Cherry pick all the best research and software folks and bring them into
Google, abandon MotoBlur and release devices with vanilla Android (thus
eliminating the need for said software folks), and streamline operations with
massive reductions in headcount. Possibly shutter unprofitable product lines
like feature phones entirely, and focus the company on things Google considers
strategic for them, i.e. Android phones and set top boxes.

Admittedly, Blodget is right that Google has no experience in performing this
kind of maneuver, so there are a lot of risks, but considering that they
bought a patent portfolio that happened to come with a company attached,
there's no real reason to be afraid of downsizing the company to a point where
Motorola can turn a decent profit and start growing again.

Or, as Blodget points out, they could just spin the company off as soon as
they can and wash their hands of the whole thing.

------
jeffool
Most of the points seem to be "Google doesn't know hardware". This is a valid
point, but the article mostly reads like this one point repeated over and
over.

First, it discounts the fact that Google isn't inheriting a shell company;
those former Motorola employees?

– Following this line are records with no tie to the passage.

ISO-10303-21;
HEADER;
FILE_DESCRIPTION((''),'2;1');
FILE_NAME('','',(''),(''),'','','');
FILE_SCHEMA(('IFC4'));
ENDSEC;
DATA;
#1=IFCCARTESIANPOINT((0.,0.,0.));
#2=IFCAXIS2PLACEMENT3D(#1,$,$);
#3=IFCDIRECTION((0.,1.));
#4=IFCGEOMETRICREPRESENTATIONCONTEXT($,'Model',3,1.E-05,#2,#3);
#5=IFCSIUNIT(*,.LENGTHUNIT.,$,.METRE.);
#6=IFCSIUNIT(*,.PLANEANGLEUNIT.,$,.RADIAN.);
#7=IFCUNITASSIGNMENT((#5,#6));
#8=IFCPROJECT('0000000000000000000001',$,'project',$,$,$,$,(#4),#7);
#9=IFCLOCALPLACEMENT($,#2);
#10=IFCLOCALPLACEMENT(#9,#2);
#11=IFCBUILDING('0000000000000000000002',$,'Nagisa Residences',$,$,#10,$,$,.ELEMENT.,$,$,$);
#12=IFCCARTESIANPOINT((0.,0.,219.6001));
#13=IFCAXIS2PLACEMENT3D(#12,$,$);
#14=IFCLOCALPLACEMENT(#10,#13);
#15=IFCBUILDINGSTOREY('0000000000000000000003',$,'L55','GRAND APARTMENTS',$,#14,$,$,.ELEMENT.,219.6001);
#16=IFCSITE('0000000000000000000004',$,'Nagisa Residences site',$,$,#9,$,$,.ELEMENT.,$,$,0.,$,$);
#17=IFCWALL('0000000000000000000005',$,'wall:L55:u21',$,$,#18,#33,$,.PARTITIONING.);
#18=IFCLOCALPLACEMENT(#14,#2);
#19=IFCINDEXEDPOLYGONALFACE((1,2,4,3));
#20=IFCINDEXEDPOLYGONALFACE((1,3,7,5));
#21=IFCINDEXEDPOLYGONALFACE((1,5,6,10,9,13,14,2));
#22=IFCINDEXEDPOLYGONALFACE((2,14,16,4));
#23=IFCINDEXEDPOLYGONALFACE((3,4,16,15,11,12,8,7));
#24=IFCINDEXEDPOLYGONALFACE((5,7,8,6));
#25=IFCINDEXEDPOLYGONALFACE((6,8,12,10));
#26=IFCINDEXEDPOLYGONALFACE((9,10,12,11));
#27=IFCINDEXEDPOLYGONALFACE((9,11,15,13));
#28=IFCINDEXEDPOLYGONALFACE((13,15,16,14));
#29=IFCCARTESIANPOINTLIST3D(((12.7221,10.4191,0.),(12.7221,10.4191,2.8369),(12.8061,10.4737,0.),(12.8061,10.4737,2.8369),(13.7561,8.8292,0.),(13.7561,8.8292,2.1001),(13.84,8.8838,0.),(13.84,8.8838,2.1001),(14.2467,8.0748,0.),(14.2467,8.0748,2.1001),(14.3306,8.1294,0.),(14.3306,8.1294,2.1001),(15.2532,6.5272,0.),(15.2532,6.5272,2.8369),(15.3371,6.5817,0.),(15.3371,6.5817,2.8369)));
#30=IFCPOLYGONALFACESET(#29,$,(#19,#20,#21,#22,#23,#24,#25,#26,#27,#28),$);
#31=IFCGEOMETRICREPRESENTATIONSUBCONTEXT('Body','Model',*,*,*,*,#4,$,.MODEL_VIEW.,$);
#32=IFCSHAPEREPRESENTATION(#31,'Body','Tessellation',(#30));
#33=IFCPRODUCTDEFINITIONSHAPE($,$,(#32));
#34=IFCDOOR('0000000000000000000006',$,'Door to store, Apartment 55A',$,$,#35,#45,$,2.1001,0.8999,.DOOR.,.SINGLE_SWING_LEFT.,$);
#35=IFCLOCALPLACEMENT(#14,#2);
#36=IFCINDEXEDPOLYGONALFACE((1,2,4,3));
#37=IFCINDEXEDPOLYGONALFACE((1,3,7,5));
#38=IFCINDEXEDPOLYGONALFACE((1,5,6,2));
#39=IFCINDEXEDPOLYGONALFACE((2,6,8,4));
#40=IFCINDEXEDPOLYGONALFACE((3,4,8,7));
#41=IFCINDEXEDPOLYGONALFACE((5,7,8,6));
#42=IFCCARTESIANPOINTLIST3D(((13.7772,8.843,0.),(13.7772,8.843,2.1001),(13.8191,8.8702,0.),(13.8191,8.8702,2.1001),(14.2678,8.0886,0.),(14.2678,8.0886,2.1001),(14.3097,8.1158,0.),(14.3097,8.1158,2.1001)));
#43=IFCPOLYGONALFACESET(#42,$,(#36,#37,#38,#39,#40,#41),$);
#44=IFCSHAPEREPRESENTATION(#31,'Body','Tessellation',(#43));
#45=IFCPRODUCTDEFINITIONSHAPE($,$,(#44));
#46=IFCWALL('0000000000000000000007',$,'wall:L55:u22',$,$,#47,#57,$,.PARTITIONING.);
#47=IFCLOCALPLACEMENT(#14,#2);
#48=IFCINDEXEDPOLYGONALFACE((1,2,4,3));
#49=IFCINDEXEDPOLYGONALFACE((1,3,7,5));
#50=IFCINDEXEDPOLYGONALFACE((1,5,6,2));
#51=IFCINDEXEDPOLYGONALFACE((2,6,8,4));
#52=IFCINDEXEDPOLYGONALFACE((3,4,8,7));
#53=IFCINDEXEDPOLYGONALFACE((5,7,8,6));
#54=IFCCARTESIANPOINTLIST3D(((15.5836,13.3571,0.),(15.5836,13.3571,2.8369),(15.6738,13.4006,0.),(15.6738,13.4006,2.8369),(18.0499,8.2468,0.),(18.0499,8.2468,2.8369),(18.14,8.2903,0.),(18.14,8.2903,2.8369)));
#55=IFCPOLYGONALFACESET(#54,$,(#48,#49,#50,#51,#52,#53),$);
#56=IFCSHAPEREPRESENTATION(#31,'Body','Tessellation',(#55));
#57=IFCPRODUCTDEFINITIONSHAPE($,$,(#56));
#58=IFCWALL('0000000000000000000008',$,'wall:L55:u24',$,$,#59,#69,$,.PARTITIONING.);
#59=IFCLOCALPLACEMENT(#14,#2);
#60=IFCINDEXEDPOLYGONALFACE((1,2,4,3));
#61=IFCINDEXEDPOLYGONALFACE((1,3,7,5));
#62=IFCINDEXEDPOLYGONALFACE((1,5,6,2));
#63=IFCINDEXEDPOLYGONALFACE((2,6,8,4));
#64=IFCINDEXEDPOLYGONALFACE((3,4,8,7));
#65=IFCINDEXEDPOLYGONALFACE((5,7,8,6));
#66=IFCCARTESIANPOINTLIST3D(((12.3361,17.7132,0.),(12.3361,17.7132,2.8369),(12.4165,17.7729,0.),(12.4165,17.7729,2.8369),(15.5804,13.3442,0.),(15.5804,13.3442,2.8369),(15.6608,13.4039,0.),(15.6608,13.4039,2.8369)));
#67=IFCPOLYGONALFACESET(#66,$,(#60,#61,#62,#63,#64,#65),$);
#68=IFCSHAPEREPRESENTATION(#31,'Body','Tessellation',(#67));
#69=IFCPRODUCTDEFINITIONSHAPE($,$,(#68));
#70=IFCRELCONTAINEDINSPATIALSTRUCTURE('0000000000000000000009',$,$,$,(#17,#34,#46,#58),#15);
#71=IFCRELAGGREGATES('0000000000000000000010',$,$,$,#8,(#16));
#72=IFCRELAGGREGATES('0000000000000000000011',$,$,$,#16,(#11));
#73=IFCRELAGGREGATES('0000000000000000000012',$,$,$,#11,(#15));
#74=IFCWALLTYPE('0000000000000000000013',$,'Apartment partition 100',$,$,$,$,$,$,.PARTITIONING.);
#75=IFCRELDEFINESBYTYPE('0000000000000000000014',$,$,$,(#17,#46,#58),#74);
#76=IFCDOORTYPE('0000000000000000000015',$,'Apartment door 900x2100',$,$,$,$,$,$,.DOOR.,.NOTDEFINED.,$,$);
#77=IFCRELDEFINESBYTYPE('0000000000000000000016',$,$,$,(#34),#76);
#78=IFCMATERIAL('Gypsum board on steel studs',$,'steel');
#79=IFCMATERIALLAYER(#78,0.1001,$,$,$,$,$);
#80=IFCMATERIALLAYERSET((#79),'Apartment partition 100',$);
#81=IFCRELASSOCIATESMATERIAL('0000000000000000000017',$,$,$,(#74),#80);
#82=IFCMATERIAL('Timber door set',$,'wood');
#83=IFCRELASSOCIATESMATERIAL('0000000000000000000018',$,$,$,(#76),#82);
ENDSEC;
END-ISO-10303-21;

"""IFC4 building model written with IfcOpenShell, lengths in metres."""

from ifc_helpers import new_model, si_unit, direction, frame, frame_2d, origin, place, context, subcontext, project, spatial, rectangle, extrude, material, layer, layer_set, type_object, element, fill, save


model = new_model("IFC4")

# Units and contexts
model_context = context("Model", 3, precision=1e-05, world=origin(), true_north=direction((0.0, 1.0)))
body_context = subcontext(model_context, "Body", "Model", "MODEL_VIEW")
ifc_project = project(units=[si_unit("LENGTHUNIT", "METRE"), si_unit("PLANEANGLEUNIT", "RADIAN")], contexts=[model_context])

# Site, building, storey
site_placement = place(None, origin())
site = spatial("IfcSite", under=ifc_project, at=site_placement, Name="Nagisa Residences site", CompositionType="ELEMENT", RefElevation=0.0)
building_placement = place(site_placement, origin())
building = spatial("IfcBuilding", under=site, at=building_placement, Name="Nagisa Residences", CompositionType="ELEMENT")
storey_placement = place(building_placement, frame((0.0, 0.0, 219.6001)))
storey = spatial("IfcBuildingStorey", under=building, at=storey_placement, Name="L55", Description="GRAND APARTMENTS", CompositionType="ELEMENT", Elevation=219.6001)

# Shared definitions
ifc_material_1 = material(Name="Gypsum board on steel studs", Category="steel")
ifc_layer_1 = layer(ifc_material_1, 0.1001)
ifc_layer_set_1 = layer_set([ifc_layer_1], Name="Apartment partition 100")
wall_type_1 = type_object("IfcWallType", Name="Apartment partition 100", PredefinedType="PARTITIONING", material=ifc_layer_set_1)

# Shared definitions
ifc_material_2 = material(Name="Timber door set", Category="wood")
door_type_1 = type_object("IfcDoorType", Name="Apartment door 900x2100", OperationType="NOTDEFINED", PredefinedType="DOOR", material=ifc_material_2)

# Wall, opening, door
wall_1_placement = place(storey_placement, frame((15.2952, 6.5544, 0.0), z_axis=(0.0, 0.0, 1.0), x_axis=(-0.545186, 0.838315, 0.0)))
wall_1 = element("IfcWall", 1, at=wall_1_placement, inside=storey, type_object=wall_type_1, Name="wall:L55:u21", PredefinedType="PARTITIONING", context=body_context, shape_type="SweptSolid", body=[
    extrude(rectangle(XDim=4.6426, YDim=0.1001, at=frame_2d((2.3213, 0.0))), origin(), (0.0, 0.0, 1.0), 2.8369),
])
opening_1_placement = place(wall_1_placement, frame((1.8462, 0.0, 0.0)))
opening_1 = element("IfcOpeningElement", 2, at=opening_1_placement, cuts=wall_1, PredefinedType="OPENING", context=body_context, shape_type="SweptSolid", body=[
    extrude(rectangle(XDim=0.8999, YDim=2.1001, at=frame_2d((0.45, 1.05))), frame((0.0, 0.0601, 0.0), z_axis=(0.0, -1.0, 0.0), x_axis=(1.0, 0.0, 0.0)), (0.0, 0.0, 1.0), 0.1201),
])
door_1_placement = place(opening_1_placement, origin())
door_1 = element("IfcDoor", 3, at=door_1_placement, inside=storey, type_object=door_type_1, Name="Door to store, Apartment 55A", OperationType="SINGLE_SWING_LEFT", OverallHeight=2.1001, OverallWidth=0.8999, PredefinedType="DOOR", context=body_context, shape_type="SweptSolid", body=[
    extrude(rectangle(XDim=0.8999, YDim=2.1001, at=frame_2d((0.45, 1.05))), frame((0.0, 0.0249, 0.0), z_axis=(0.0, -1.0, 0.0), x_axis=(1.0, 0.0, 0.0)), (0.0, 0.0, 1.0), 0.05),
])
fill(opening_1, door_1)

# Walls
wall_2_placement = place(storey_placement, frame((18.095, 8.2686, 0.0), z_axis=(0.0, 0.0, 1.0), x_axis=(-0.434641, 0.900604, 0.0)))
element("IfcWall", 4, at=wall_2_placement, inside=storey, type_object=wall_type_1, Name="wall:L55:u22", PredefinedType="PARTITIONING", context=body_context, shape_type="SweptSolid", body=[
    extrude(rectangle(XDim=5.6743, YDim=0.1001, at=frame_2d((2.8372, 0.0))), origin(), (0.0, 0.0, 1.0), 2.8369),
])
wall_3_placement = place(storey_placement, frame((15.6206, 13.374, 0.0), z_axis=(0.0, 0.0, 1.0), x_axis=(-0.596174, 0.802855, 0.0)))
element("IfcWall", 5, at=wall_3_placement, inside=storey, type_object=wall_type_1, Name="wall:L55:u24", PredefinedType="PARTITIONING", context=body_context, shape_type="SweptSolid", body=[
    extrude(rectangle(XDim=5.4419, YDim=0.1001, at=frame_2d((2.7209, 0.0))), origin(), (0.0, 0.0, 1.0), 2.8369),
])

save(model, "model.ifc")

They're still there.

Second, so what if they don't already have a dedicated hardware factory
already? They've got a dedicated team, one that's proven. Danger, Inc.

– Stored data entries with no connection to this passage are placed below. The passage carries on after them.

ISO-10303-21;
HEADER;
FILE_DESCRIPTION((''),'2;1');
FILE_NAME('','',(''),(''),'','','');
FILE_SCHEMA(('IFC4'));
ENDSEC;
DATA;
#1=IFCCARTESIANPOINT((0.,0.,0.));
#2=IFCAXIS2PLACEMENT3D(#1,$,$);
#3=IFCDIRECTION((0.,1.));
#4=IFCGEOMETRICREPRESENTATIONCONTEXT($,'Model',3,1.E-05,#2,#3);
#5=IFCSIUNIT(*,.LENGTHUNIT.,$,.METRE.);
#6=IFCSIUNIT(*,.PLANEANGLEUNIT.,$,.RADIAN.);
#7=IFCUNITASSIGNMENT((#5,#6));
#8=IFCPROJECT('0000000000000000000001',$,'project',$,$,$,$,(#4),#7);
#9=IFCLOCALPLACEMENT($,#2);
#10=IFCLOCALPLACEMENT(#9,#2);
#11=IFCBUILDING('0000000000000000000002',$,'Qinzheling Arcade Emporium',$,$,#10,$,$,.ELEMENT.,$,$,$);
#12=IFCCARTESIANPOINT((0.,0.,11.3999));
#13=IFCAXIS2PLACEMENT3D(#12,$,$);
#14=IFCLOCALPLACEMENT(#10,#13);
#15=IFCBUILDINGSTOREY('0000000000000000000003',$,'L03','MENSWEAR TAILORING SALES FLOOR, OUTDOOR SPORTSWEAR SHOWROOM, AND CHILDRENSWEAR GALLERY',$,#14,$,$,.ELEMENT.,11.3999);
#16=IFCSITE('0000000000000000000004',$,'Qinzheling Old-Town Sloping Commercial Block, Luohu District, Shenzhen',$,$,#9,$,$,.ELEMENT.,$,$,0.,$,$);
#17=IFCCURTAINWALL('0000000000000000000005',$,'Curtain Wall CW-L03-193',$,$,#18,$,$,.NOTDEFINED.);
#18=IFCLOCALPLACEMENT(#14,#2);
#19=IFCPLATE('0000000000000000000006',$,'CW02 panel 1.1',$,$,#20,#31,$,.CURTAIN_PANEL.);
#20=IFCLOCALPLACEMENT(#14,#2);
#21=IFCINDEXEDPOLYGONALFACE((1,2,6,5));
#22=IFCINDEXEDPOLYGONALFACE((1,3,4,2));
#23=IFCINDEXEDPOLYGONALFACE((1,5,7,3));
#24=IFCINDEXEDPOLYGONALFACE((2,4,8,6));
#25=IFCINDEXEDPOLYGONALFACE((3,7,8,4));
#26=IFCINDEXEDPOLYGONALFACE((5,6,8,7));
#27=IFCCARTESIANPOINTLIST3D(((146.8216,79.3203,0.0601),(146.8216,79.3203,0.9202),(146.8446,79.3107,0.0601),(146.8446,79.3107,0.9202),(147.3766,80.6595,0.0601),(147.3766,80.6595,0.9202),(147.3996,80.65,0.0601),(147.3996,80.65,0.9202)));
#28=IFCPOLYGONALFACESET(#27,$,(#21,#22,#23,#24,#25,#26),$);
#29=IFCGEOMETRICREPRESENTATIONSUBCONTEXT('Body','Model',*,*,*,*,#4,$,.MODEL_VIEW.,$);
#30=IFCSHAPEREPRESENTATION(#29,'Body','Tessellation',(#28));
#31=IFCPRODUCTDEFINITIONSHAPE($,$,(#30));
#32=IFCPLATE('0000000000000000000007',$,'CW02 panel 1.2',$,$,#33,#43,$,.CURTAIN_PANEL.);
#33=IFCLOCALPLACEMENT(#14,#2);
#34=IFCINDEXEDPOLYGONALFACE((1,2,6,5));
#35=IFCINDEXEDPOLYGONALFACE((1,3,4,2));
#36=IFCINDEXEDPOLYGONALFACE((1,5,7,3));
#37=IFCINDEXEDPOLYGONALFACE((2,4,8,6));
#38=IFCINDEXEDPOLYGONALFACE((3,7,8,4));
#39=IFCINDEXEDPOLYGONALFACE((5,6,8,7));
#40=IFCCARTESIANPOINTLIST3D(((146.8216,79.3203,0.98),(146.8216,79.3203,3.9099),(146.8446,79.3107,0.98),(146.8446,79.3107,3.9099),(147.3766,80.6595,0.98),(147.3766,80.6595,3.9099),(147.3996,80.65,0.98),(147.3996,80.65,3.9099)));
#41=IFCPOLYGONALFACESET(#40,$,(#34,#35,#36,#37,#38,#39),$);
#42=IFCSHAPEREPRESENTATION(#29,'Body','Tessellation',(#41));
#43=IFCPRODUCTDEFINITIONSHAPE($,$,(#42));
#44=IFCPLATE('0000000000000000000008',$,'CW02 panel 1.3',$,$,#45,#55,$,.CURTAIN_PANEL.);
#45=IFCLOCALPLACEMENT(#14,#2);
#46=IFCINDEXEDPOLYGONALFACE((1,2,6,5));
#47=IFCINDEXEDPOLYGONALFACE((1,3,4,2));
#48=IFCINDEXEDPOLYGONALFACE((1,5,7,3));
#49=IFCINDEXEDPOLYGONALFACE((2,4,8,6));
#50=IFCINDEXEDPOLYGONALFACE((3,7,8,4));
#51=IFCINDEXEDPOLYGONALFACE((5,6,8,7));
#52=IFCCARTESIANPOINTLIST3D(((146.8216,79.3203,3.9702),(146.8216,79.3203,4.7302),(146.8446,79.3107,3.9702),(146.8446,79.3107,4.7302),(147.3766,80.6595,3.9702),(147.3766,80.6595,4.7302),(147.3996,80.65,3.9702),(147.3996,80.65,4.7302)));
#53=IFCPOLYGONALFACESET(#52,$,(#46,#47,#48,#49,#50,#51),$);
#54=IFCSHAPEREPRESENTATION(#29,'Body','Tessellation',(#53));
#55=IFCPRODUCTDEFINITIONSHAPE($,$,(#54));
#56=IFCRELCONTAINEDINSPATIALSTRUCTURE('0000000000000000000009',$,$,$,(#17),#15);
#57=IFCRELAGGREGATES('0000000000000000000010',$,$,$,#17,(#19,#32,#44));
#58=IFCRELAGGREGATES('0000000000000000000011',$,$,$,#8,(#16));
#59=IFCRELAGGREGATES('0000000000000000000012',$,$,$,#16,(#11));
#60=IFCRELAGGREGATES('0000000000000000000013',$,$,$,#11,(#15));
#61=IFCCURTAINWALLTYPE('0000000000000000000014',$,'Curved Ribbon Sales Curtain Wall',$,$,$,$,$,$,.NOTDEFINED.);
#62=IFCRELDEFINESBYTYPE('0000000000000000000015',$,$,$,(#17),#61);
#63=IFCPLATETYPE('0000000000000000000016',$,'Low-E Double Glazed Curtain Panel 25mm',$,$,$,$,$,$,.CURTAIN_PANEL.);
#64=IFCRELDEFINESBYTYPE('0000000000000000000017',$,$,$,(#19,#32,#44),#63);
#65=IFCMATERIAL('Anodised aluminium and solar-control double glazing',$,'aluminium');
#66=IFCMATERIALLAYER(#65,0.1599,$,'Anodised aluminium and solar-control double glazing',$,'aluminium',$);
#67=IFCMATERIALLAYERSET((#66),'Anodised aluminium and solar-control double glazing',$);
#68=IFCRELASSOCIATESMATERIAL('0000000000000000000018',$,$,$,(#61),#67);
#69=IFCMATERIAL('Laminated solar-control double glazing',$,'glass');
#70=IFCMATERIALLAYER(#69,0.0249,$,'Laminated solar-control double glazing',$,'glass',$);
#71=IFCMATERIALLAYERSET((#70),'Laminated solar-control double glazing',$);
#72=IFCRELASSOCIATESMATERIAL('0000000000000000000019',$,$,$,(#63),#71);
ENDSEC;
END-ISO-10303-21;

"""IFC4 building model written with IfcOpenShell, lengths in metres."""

from ifc_helpers import new_model, si_unit, direction, frame, origin, origin_2d, place, context, subcontext, project, spatial, rectangle, extrude, material, layer, layer_set, type_object, element, aggregate, save


model = new_model("IFC4")

# Units and contexts
model_context = context("Model", 3, precision=1e-05, world=origin(), true_north=direction((0.0, 1.0)))
body_context = subcontext(model_context, "Body", "Model", "MODEL_VIEW")
ifc_project = project(units=[si_unit("LENGTHUNIT", "METRE"), si_unit("PLANEANGLEUNIT", "RADIAN")], contexts=[model_context])

# Site, building, storey
site_placement = place(None, origin())
site = spatial("IfcSite", under=ifc_project, at=site_placement, Name="Qinzheling Old-Town Sloping Commercial Block, Luohu District, Shenzhen", CompositionType="ELEMENT", RefElevation=0.0)
building_placement = place(site_placement, origin())
building = spatial("IfcBuilding", under=site, at=building_placement, Name="Qinzheling Arcade Emporium", CompositionType="ELEMENT")
storey_placement = place(building_placement, frame((0.0, 0.0, 11.3999)))
storey = spatial("IfcBuildingStorey", under=building, at=storey_placement, Name="L03", Description="MENSWEAR TAILORING SALES FLOOR, OUTDOOR SPORTSWEAR SHOWROOM, AND CHILDRENSWEAR GALLERY", CompositionType="ELEMENT", Elevation=11.3999)

# Curtain wall
ifc_material_1 = material(Name="Anodised aluminium and solar-control double glazing", Category="aluminium")
ifc_layer_1 = layer(ifc_material_1, 0.1599, Name="Anodised aluminium and solar-control double glazing", Category="aluminium")
ifc_layer_set_1 = layer_set([ifc_layer_1], Name="Anodised aluminium and solar-control double glazing")
curtain_wall_type = type_object("IfcCurtainWallType", Name="Curved Ribbon Sales Curtain Wall", PredefinedType="NOTDEFINED", material=ifc_layer_set_1)
curtain_wall_1_placement = place(storey_placement, origin())
curtain_wall_1 = element("IfcCurtainWall", 1, at=curtain_wall_1_placement, inside=storey, type_object=curtain_wall_type, Name="Curtain Wall CW-L03-193", PredefinedType="NOTDEFINED")

# Plates
ifc_material_2 = material(Name="Laminated solar-control double glazing", Category="glass")
ifc_layer_2 = layer(ifc_material_2, 0.0249, Name="Laminated solar-control double glazing", Category="glass")
ifc_layer_set_2 = layer_set([ifc_layer_2], Name="Laminated solar-control double glazing")
plate_type = type_object("IfcPlateType", Name="Low-E Double Glazed Curtain Panel 25mm", PredefinedType="CURTAIN_PANEL", material=ifc_layer_set_2)
plate_1_placement = place(storey_placement, frame((147.1106, 79.9851, 0.0601), z_axis=(0.0, 0.0, 1.0), x_axis=(-0.382896, -0.923792, 0.0)))
plate_1 = element("IfcPlate", 2, at=plate_1_placement, type_object=plate_type, Name="CW02 panel 1.1", PredefinedType="CURTAIN_PANEL", context=body_context, shape_type="SweptSolid", body=[
    extrude(rectangle(XDim=1.4497, YDim=0.0249, at=origin_2d()), origin(), (0.0, 0.0, 1.0), 0.8601),
])
plate_2_placement = place(storey_placement, frame((147.1106, 79.9851, 0.98), z_axis=(0.0, 0.0, 1.0), x_axis=(-0.382896, -0.923792, 0.0)))
plate_2 = element("IfcPlate", 3, at=plate_2_placement, type_object=plate_type, Name="CW02 panel 1.2", PredefinedType="CURTAIN_PANEL", context=body_context, shape_type="SweptSolid", body=[
    extrude(rectangle(XDim=1.4497, YDim=0.0249, at=origin_2d()), origin(), (0.0, 0.0, 1.0), 2.9299),
])
plate_3_placement = place(storey_placement, frame((147.1106, 79.9851, 3.9702), z_axis=(0.0, 0.0, 1.0), x_axis=(-0.382896, -0.923792, 0.0)))
plate_3 = element("IfcPlate", 4, at=plate_3_placement, type_object=plate_type, Name="CW02 panel 1.3", PredefinedType="CURTAIN_PANEL", context=body_context, shape_type="SweptSolid", body=[
    extrude(rectangle(XDim=1.4497, YDim=0.0249, at=origin_2d()), origin(), (0.0, 0.0, 1.0), 0.76),
])
aggregate(curtain_wall_1, [plate_1, plate_2, plate_3])

save(model, "model.ifc")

[http://tech.fortune.cnn.com/2011/05/11/andy-rubin-gets-
dange...](http://tech.fortune.cnn.com/2011/05/11/andy-rubin-gets-danger-back-
together-at-google-to-work-on-android-hardware/)

------
anigbrowl
Disagree. The companies' cultures are more similar than they might otherwise
appear; Motirola has a strong engineering heritage and a good hardware
pedigree but their software UI has been badly lacking. Not that the merger
will be easy, but a colossal disaster? I think not.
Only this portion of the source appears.